Expatica news

Family-in-laws identified as Brussels hostages

18 August 2005

BRUSSELS — The two hostages being held by a prisoner on leave in a Brussels city centre apartment since Wednesday night have been identified as the man’s former mother-in-law and her daughter.

And the situation was still deadlocked at about 10.30pm on Thursday.

The kidnapping started after Farid Bamouhammad stormed into the apartment — located above the café Albertine on the Magdalenasteenweg near Central Station — at about 6pm on Wednesday and took the two women hostage.

He allegedly threatened to shoot his mother-in-law — who has parental authority over the man’s two children — brandished a hand grenade and fired several shots outside.

Bamouhammad’s two daughters, aged three and eight, were also in the apartment at the time, but were released at about 10.30pm on Wednesday. The prosecutor has denied the children were released in exchange for cigarettes and alcohol.

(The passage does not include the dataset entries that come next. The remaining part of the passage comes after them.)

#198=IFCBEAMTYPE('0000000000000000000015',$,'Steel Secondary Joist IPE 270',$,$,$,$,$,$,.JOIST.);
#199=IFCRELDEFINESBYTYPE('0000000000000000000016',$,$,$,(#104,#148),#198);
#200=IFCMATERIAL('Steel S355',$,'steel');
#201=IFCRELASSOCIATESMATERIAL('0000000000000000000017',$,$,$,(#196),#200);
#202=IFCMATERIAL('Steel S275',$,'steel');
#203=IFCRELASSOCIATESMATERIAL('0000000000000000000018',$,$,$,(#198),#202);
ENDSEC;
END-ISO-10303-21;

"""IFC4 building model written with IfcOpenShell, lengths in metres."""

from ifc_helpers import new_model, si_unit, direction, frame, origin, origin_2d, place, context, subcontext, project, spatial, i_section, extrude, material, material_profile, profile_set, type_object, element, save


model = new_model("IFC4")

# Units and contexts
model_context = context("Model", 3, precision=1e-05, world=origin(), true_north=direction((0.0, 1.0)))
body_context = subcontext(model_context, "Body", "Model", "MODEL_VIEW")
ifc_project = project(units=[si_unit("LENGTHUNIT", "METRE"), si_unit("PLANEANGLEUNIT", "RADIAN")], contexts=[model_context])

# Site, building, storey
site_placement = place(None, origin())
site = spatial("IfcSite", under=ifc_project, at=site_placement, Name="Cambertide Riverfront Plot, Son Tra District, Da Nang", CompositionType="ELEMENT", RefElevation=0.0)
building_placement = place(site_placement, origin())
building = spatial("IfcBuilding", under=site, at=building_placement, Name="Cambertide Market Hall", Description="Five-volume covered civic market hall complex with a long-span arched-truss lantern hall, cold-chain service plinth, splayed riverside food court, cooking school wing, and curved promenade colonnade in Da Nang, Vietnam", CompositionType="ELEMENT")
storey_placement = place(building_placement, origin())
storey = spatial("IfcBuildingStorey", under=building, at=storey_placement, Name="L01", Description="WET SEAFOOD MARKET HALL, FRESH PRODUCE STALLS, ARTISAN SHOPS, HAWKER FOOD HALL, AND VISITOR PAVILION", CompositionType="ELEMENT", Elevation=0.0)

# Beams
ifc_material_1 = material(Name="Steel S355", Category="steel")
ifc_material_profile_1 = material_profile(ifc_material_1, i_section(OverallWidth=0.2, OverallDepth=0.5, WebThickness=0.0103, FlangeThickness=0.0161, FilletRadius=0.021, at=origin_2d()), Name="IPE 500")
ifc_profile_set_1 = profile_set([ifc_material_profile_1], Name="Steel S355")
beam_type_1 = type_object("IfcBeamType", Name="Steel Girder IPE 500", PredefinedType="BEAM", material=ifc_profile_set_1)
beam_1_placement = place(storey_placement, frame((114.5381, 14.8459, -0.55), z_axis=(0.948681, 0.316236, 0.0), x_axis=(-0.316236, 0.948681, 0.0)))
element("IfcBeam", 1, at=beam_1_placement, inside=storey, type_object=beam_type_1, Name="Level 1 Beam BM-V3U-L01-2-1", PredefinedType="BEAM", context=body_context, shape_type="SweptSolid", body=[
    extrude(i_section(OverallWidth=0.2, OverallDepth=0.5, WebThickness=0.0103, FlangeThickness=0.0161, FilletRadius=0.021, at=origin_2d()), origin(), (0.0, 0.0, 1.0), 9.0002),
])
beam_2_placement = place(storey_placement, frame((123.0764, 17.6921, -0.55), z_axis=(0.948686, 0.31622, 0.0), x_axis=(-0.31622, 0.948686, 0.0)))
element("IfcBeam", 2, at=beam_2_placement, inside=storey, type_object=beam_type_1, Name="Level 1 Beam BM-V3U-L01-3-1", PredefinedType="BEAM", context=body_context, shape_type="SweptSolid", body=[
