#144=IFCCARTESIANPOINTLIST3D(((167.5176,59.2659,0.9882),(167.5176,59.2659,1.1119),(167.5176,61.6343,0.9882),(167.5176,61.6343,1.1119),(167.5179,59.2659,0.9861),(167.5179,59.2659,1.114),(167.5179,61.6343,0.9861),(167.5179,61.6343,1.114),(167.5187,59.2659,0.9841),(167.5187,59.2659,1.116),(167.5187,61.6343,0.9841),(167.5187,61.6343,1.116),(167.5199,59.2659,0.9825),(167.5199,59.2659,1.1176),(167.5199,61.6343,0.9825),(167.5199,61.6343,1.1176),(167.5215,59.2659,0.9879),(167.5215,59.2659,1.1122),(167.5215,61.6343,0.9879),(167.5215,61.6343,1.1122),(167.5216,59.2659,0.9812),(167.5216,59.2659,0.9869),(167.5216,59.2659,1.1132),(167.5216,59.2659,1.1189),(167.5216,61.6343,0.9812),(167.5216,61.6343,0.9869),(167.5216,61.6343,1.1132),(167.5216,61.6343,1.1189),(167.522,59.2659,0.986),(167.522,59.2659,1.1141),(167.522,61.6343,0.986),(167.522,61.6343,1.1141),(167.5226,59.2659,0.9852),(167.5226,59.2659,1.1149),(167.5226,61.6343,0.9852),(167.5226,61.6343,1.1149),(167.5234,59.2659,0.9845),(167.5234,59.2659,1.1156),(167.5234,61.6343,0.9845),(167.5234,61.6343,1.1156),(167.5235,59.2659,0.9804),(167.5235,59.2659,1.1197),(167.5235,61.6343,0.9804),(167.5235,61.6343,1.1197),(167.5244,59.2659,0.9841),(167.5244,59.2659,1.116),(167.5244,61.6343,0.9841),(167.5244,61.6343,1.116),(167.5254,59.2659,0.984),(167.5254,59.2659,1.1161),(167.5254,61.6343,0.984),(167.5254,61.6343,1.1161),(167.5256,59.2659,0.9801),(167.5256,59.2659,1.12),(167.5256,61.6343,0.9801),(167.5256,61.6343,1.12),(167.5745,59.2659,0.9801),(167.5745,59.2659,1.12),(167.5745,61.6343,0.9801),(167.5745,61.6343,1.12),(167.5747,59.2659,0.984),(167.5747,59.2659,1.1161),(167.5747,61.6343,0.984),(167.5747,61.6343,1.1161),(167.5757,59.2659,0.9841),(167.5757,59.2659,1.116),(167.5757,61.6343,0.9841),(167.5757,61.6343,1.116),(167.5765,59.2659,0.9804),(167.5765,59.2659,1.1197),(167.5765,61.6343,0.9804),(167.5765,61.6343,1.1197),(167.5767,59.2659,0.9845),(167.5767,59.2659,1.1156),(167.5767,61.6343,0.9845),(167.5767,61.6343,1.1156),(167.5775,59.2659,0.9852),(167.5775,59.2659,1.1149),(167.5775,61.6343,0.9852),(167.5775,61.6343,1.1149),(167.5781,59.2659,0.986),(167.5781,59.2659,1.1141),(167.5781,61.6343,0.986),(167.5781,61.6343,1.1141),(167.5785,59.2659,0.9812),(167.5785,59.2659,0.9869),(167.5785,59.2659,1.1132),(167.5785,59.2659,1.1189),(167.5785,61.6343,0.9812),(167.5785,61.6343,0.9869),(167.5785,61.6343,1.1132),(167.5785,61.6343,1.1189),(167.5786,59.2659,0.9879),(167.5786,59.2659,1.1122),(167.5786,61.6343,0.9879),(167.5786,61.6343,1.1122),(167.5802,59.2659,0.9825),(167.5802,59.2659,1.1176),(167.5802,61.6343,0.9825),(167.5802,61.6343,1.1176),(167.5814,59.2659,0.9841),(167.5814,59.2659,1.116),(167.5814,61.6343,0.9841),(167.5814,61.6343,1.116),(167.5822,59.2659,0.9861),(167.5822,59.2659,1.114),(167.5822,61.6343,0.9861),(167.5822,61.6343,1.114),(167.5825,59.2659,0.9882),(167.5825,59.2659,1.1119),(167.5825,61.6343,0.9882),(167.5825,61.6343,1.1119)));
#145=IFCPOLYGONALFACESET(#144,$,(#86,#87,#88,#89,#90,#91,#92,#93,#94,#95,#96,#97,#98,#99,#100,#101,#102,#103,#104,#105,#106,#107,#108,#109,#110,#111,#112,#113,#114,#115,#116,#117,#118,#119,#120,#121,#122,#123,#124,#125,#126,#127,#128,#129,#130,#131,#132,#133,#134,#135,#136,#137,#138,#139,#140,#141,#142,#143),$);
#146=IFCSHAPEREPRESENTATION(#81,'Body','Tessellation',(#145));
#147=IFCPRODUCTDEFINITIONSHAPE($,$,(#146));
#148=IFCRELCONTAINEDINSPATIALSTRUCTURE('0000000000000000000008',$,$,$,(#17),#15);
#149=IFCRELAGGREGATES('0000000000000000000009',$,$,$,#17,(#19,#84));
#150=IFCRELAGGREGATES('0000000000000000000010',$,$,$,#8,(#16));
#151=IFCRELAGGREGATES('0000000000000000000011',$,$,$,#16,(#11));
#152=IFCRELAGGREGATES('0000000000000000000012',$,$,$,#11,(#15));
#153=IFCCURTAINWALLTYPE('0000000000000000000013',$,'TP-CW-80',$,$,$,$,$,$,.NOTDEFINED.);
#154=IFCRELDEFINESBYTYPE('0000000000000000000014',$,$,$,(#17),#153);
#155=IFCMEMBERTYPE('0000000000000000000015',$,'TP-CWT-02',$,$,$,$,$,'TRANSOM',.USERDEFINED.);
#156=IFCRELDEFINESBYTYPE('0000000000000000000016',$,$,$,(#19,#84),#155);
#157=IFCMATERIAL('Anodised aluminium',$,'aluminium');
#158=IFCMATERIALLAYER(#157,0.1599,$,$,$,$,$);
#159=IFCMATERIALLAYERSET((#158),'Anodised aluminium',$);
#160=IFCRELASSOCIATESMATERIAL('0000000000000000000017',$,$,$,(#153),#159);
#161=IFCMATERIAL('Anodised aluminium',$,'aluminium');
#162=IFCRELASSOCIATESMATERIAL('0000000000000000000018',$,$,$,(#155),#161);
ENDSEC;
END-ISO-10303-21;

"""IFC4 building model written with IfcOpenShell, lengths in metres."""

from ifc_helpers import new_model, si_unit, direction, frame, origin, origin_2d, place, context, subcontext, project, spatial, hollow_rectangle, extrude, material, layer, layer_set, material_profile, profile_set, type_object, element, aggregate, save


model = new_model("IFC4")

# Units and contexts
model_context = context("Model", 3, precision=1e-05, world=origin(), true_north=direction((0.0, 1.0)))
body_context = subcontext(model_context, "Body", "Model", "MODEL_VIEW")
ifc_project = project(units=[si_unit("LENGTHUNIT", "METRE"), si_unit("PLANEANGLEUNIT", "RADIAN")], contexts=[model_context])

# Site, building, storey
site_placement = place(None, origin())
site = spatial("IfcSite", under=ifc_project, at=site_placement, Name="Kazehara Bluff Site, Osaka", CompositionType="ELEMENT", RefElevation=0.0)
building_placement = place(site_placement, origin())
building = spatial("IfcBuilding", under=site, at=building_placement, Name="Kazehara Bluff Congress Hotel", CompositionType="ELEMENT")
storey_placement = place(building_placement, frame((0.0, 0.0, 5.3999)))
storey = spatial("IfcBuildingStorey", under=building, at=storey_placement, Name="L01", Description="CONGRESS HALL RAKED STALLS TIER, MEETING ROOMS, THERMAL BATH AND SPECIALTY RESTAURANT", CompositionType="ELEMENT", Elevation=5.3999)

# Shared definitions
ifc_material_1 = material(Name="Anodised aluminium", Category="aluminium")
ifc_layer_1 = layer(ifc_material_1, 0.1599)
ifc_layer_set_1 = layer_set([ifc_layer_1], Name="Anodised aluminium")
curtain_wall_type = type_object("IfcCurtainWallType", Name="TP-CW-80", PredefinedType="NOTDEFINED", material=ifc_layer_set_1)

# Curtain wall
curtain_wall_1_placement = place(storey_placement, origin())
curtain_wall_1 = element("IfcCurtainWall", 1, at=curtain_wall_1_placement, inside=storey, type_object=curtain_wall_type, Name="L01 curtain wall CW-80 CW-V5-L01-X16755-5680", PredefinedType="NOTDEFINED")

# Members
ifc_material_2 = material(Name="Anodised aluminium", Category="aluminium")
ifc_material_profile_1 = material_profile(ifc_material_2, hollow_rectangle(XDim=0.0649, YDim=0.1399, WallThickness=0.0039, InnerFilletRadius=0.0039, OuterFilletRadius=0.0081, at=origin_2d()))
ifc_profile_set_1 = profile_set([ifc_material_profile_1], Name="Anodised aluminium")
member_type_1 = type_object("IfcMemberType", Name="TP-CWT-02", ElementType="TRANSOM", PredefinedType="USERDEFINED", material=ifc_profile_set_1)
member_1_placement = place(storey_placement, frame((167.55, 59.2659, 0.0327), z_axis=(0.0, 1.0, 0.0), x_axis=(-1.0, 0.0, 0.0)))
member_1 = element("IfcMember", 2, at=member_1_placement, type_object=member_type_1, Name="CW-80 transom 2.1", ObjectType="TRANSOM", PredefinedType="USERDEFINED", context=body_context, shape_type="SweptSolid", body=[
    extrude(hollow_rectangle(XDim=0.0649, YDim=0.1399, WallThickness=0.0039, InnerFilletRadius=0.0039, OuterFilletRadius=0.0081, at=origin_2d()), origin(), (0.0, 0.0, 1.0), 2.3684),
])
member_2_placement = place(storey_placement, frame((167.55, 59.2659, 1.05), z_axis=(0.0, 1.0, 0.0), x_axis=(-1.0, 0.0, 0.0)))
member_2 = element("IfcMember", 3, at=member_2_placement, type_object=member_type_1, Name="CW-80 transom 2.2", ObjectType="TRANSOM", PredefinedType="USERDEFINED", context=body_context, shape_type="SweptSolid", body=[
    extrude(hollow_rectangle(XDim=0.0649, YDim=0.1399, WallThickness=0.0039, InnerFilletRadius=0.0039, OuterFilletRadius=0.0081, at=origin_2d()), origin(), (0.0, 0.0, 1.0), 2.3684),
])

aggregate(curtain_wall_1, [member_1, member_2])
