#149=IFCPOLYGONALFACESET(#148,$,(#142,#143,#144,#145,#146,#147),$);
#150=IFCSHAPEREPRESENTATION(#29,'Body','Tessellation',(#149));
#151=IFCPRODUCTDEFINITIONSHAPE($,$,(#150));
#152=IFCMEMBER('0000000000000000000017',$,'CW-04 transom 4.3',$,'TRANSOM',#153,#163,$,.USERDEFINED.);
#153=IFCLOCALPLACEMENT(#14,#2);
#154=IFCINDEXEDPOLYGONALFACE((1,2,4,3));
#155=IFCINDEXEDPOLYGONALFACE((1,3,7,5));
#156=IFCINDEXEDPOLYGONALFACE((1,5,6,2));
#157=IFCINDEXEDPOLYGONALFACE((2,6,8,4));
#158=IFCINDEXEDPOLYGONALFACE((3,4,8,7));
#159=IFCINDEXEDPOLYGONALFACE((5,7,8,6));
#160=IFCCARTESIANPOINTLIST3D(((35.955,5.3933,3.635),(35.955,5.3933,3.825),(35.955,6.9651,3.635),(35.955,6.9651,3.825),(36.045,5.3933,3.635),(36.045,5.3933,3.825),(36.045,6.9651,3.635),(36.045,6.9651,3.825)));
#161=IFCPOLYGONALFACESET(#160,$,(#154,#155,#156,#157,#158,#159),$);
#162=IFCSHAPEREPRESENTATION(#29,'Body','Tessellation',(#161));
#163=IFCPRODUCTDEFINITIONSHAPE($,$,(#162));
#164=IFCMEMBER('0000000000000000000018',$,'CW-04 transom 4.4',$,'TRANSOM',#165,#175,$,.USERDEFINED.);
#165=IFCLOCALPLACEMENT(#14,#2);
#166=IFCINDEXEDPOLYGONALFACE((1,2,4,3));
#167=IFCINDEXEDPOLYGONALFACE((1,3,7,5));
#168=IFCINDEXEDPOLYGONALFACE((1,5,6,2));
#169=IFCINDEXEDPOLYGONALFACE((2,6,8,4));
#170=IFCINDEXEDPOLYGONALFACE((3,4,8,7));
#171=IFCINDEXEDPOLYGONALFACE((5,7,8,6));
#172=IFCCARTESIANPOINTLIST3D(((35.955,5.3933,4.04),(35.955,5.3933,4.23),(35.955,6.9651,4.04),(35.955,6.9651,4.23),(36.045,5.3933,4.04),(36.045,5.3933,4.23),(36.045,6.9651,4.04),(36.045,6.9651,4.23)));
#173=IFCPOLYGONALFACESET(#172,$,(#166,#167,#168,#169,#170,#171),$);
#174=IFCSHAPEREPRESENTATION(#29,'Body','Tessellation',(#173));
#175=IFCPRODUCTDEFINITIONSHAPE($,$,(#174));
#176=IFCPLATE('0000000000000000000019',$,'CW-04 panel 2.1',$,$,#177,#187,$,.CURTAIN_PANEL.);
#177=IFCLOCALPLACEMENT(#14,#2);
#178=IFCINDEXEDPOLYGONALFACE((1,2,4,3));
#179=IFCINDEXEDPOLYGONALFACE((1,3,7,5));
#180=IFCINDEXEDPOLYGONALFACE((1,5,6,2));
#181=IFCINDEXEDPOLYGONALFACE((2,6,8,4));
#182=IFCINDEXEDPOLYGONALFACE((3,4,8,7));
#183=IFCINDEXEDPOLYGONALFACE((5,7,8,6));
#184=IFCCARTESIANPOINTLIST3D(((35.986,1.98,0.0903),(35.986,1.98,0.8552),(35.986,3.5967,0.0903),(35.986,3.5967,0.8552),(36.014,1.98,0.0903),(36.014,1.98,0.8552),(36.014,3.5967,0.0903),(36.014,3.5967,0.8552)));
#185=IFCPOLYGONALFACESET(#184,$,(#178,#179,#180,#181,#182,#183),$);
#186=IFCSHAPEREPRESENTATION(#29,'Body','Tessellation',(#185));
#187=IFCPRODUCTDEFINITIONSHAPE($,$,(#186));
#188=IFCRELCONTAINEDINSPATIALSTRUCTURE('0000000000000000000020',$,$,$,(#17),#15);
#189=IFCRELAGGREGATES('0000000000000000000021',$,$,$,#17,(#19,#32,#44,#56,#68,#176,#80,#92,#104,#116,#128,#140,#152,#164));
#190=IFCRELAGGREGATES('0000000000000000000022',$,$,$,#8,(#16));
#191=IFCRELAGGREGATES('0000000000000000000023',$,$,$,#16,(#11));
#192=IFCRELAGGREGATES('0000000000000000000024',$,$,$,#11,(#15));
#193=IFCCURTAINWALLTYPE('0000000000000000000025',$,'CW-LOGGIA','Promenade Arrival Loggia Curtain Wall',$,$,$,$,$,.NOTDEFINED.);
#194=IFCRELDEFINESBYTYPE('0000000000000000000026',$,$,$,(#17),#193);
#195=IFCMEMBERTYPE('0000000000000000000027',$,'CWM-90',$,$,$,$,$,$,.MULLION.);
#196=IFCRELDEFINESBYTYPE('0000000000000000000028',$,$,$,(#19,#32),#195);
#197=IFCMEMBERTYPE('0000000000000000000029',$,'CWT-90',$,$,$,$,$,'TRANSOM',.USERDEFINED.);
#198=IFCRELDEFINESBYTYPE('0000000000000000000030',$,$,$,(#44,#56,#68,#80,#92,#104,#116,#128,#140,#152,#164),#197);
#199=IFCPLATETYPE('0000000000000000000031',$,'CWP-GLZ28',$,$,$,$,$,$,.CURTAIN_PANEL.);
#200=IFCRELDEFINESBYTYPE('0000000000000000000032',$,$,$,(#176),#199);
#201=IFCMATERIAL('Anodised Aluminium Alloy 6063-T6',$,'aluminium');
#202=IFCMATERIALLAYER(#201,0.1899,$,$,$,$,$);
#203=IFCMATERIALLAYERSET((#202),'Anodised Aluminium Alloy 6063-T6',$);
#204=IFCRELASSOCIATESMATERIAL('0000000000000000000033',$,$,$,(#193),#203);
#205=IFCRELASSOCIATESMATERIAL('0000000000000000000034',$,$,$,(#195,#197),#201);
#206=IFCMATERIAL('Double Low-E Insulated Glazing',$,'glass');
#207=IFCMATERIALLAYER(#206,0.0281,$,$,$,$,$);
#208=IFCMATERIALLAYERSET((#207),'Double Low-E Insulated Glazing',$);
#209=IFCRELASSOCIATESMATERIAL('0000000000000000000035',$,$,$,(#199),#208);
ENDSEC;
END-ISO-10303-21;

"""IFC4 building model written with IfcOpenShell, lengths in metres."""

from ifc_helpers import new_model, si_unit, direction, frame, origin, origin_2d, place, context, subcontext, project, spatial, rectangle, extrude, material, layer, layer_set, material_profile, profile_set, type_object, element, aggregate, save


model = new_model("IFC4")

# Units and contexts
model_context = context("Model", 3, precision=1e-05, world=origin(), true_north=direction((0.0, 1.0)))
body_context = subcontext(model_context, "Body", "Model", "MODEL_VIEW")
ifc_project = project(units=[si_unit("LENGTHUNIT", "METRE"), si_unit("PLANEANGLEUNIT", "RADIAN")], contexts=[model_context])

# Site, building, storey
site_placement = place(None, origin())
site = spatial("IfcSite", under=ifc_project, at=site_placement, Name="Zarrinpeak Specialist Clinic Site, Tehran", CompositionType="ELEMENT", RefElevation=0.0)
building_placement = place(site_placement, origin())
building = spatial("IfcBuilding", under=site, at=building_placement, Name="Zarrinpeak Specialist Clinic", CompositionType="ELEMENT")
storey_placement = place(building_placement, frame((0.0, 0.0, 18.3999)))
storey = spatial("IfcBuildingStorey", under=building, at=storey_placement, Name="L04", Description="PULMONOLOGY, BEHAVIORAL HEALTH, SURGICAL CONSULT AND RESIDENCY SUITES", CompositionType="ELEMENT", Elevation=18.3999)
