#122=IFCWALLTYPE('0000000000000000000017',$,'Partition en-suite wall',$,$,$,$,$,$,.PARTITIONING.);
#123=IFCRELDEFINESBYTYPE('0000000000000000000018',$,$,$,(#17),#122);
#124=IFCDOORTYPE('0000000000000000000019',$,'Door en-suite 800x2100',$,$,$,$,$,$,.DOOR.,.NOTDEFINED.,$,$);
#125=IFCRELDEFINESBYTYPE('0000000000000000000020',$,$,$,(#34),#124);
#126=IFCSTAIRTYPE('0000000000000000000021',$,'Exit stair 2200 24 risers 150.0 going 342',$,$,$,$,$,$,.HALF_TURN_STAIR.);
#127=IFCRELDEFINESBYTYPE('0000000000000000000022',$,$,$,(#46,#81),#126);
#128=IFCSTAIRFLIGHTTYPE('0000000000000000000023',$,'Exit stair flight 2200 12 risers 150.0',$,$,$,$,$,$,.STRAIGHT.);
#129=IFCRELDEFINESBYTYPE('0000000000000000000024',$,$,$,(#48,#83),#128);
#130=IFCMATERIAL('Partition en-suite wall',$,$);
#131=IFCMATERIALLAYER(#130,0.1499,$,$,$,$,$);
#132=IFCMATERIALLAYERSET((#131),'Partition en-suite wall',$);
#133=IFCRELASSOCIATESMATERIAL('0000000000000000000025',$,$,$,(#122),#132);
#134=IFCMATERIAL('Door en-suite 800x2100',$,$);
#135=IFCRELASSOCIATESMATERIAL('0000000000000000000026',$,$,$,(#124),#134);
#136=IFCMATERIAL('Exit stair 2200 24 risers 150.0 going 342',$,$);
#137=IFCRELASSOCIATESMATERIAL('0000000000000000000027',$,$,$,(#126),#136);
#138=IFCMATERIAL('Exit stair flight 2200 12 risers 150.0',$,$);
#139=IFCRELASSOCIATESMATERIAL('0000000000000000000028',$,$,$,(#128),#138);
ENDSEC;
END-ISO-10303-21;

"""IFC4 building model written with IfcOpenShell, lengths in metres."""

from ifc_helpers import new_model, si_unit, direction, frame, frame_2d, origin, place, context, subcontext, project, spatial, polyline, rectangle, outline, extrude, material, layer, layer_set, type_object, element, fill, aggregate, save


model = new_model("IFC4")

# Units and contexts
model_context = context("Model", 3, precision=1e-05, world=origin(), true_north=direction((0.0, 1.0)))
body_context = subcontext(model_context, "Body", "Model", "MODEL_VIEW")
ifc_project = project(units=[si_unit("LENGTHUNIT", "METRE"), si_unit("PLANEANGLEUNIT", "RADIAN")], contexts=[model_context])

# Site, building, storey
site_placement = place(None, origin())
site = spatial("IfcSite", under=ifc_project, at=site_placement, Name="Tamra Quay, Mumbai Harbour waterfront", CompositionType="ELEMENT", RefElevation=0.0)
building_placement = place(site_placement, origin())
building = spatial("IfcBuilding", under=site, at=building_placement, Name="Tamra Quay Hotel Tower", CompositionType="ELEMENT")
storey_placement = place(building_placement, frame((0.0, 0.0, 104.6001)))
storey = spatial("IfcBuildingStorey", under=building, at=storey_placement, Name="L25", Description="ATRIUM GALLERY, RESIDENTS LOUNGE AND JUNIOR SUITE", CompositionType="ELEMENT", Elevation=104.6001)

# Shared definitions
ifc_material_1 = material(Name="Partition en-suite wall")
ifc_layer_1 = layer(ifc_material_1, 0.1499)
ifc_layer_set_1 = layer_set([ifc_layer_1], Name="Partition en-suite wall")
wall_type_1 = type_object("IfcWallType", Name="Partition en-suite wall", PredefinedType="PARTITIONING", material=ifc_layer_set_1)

It was initially believed the man kidnapped his former wife and another woman, but it has since been confirmed the hostages were his mother-in-law and her daughter.

The kidnapped women last appeared in front of the apartment window at about 4.30pm on Thursday, but the hostage-taker was not visible.

To ensure the safety of the hostages, the public prosecutor imposed a ‘information stop’ at about 5pm on Thursday because the kidnapper is following the media coverage.

Earlier, police had sealed off the area around the apartment and called in the bomb disposal squad DOVO and a specialist police intervention unit (SIE).

The kidnapper appeared briefly in front of the apartment window at about 8.15am on Thursday and shouted at police. 

The media was sent away from the sealed off area at about 9.30am and snipers were sighted, indicating a quick end to the kidnapping was about to occur. Nothing happened, however.

At 10am, negotiators with the federal police’s SIE squad spoke with the kidnapper and the hostages through the apartment window.

The public prosecutor then announced a press conference would be held at 3pm, but that was later cancelled.

A female police officer was slightly hurt at the start of the kidnapping. She was a member of the first team of police officers that arrived on the scene.

She was shot in the arm as the kidnapper fired his weapon from inside the apartment. However, the bullet only grazed her arm.

Police have sealed off the entire vicinity around the apartment.

The kidnapper, nicknamed ‘le Fou’, is a hardened criminal. In 1994, he shot someone dead in Brussels and soon after injured two police officers in a bank robbery.

He was convicted for the murder in 1997, but was released from prison two years later.

The man was presently being detained in the Aarlen prison for a kidnapping in a Brussels fast food restaurant in 2000. 

On that occasion, he held his then wife, their child and his parents-in-law hostage in a hamburger restaurant in Drogenbos. He was jailed for five years for the kidnapping. 

Bamouhammad was permitted to temporarily leave the prison after a children’s court judge allowed him to visit his daughter. The previous times the man had been allowed to leave his cell for a day had passed off without incident.

He left the prison again on Wednesday morning to visit his daughter and was meant to report back to the jail that night.